Rosneft (OTC:RNFTF) is scrambling to finance its acquisition of TNK-BP (OTC:TNKBF). The speak volumes about the gulf between its aspirations to be a supermajor and reality, and also about the risks that lenders perceive in dealing with Russia (and perhaps Rosneft specifically).
Rosneft is raising $10 billion through an oil pre-pay deal with Vitol and Glencore (OTCPK:GLCNF). Rosneft agreed to sell the oil forward, with deliveries starting this year, and Vitol and Glencore used those contracts as collateral for loans for $10 billion. The money goes from the banks, through Vitol and Glencore, and then on to Rosneft which will use it to pay AAR and BP (NYSE:BP). The use of oil to secure the Rosneft-Vitol/Glencore deal is interesting. Rosneft cannot borrow the money on its own promise to repay: it borrowed $15 billion from banks on that basis, but individual banks were not willing to take more than $1 billion in exposure to the Russian company. That limited appetite for Rosneft credit risk (which given its asset base is driven by political and legal risk) is quite telling.
Rosneft has to use prepays-a kind of financing usually extended to less creditworthy commodity traders, producers, or processors-to get additional funds. Big commodity houses like Vitol and Glencore frequently use prepays and offtake agreements to provide funding to smaller producers and refiners. It’s not the way real supermajors secure credit.
Oil is particularly useful as collateral, because if Rosneft tries to renege on its commitment to the Swiss houses (as it might be tempted to do if oil prices spike well above the agreed price), it will have a difficult time selling the oil as anything it tries to sell would be subject to seizure. It’s a lot easier to seize oil in tankers or in storage facilities in Rotterdam to collect on a debt than it would be to try to seize a refinery in Russia.

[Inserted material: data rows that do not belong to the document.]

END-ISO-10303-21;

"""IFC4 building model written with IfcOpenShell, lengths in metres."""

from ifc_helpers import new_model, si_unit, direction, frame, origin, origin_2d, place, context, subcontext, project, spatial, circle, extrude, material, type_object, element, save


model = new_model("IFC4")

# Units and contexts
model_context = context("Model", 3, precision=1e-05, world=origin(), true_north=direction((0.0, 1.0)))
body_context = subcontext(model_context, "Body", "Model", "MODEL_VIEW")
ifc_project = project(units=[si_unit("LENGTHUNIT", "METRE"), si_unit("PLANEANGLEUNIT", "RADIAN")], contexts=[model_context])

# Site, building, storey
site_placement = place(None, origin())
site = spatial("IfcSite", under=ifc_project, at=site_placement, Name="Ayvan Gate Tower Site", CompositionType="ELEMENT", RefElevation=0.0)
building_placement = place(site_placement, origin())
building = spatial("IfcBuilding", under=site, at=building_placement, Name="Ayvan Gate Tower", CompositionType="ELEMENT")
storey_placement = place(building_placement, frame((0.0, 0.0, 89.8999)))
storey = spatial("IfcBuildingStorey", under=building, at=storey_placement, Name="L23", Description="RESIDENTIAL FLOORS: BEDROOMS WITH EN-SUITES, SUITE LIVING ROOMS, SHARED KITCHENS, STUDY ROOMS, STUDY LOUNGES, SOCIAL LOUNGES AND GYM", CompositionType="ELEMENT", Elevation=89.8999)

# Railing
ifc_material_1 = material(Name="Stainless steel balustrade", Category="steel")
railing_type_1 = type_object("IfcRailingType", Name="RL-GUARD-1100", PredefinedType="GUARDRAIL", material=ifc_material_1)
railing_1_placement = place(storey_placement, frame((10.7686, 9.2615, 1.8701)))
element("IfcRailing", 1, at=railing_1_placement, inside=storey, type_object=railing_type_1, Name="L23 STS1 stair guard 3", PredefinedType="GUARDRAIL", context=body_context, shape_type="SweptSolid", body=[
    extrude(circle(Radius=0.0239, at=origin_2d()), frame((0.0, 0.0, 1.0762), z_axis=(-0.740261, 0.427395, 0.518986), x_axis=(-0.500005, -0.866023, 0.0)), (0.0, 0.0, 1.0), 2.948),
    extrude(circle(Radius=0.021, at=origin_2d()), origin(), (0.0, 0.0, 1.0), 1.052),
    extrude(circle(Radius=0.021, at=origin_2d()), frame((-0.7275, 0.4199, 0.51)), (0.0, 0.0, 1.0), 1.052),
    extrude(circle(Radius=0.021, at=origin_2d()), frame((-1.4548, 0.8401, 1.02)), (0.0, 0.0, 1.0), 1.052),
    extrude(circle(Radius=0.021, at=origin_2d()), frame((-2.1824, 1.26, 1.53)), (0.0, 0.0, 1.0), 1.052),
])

Rosneft is also going back to the China well. It has approached CNPC for $25-$30 billion dollars, again backed by sales of oil at fixed prices. It originally denied it was in talks with CNPC, but this appears to be a “meaning of is” thing. It might not have been in talks right at the instant that the Reuters reporter called them last week, but today Igor Sechin is in Beijing talking to the Chinese about a deal. That’s not the kind of thing that is stitched up over a weekend.

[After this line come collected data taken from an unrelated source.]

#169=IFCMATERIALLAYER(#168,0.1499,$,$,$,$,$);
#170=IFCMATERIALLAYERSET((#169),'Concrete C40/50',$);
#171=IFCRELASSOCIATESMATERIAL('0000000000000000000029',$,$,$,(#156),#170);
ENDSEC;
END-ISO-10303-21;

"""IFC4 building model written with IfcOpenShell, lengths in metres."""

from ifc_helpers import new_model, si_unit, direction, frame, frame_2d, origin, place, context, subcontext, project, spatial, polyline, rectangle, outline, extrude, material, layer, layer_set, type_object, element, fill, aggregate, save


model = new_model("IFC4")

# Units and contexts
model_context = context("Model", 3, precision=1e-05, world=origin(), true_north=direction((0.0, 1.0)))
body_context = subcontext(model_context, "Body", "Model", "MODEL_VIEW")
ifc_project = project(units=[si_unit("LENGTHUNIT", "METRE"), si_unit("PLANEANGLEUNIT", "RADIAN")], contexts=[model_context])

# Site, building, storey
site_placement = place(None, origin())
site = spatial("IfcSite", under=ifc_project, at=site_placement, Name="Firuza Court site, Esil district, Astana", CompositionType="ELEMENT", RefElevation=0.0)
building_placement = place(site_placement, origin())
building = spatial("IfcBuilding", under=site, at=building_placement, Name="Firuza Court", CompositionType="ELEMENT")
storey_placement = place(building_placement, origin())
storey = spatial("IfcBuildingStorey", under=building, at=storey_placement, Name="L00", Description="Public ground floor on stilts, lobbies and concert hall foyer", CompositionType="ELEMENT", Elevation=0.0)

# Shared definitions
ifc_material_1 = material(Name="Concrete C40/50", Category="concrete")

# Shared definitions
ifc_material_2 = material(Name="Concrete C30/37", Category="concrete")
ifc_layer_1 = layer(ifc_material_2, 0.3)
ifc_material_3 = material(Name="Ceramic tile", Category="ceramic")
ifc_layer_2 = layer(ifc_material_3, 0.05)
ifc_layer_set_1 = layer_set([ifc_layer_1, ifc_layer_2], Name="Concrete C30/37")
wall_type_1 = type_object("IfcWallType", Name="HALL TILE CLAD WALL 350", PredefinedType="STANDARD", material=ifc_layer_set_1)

This is a reprise of a $25 billion loan from CNPC and the China Development Bank to Rosneft and Transneft to fund construction of a pipeline extension to China negotiated at the depths of the crisis in 2009. As I predicted at the time, that deal soon unleashed conflict between the Chinese and the Russians over the price of the oil that the Russians sold to secure the loan, and the transportation cost. The battle raged for several years, until the Russians agreed to sell the oil at a $1.50/bbl discount to the price they charged other customers buying off the ESPO pipeline.

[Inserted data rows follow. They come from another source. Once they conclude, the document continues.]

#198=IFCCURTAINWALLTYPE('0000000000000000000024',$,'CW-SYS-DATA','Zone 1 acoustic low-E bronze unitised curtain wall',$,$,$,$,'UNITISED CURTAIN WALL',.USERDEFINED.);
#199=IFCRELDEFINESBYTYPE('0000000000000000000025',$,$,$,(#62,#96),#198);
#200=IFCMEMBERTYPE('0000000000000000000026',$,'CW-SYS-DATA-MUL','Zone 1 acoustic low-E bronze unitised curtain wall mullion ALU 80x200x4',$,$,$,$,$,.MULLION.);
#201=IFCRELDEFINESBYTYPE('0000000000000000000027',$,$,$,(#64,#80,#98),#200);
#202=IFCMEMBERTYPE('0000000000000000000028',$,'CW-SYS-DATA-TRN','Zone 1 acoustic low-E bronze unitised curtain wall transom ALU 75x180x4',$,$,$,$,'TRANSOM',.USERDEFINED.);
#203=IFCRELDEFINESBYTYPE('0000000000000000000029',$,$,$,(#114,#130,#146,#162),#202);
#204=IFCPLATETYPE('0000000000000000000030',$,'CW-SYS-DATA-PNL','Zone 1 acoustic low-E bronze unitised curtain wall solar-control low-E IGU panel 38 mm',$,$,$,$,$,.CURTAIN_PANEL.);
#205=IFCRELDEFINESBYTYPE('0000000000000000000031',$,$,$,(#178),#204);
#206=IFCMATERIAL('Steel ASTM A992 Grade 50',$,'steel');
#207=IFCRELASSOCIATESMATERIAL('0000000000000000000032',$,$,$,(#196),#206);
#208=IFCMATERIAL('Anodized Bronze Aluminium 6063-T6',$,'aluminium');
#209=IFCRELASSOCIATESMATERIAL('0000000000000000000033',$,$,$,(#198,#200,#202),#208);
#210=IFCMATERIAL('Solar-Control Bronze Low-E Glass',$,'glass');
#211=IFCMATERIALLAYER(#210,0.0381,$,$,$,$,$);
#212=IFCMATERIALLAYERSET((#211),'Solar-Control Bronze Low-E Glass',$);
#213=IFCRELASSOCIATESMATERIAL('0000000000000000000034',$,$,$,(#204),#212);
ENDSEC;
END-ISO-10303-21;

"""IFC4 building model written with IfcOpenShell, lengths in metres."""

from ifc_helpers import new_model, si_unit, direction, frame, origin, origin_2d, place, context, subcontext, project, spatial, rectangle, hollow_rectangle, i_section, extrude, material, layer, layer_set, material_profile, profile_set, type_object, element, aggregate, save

Again, doing a large loan secured by oil, especially with a counterparty with whom the Russians have had numerous pricing disputes (they still haven’t negotiated a price in a gas deal that was first inked in 2006), is hardly the mark of a supermajor.
I fully expect that any new deal with China will spark future price disputes.
The quite evident limits on Rosneft’s borrowing capacity will constrain its ambitions to expand production in Russia, especially in offshore projects in the Arctic. Hence, it will be very reliant on JVs with companies like Exxon Mobil (NYSE:XOM) who will no doubt drive very hard bargains.
The lengths that Rosneft must go to in order to finance its purchase of TNK-BP says a lot. It can’t borrow against the assets it is acquiring, or its other assets. Beyond the $15 billion syndicated loan, the only thing that lenders feel comfortable lending against is the oil that Rosneft must sell. That’s the way middling-to-marginal commodity firms get funding, not supermajors.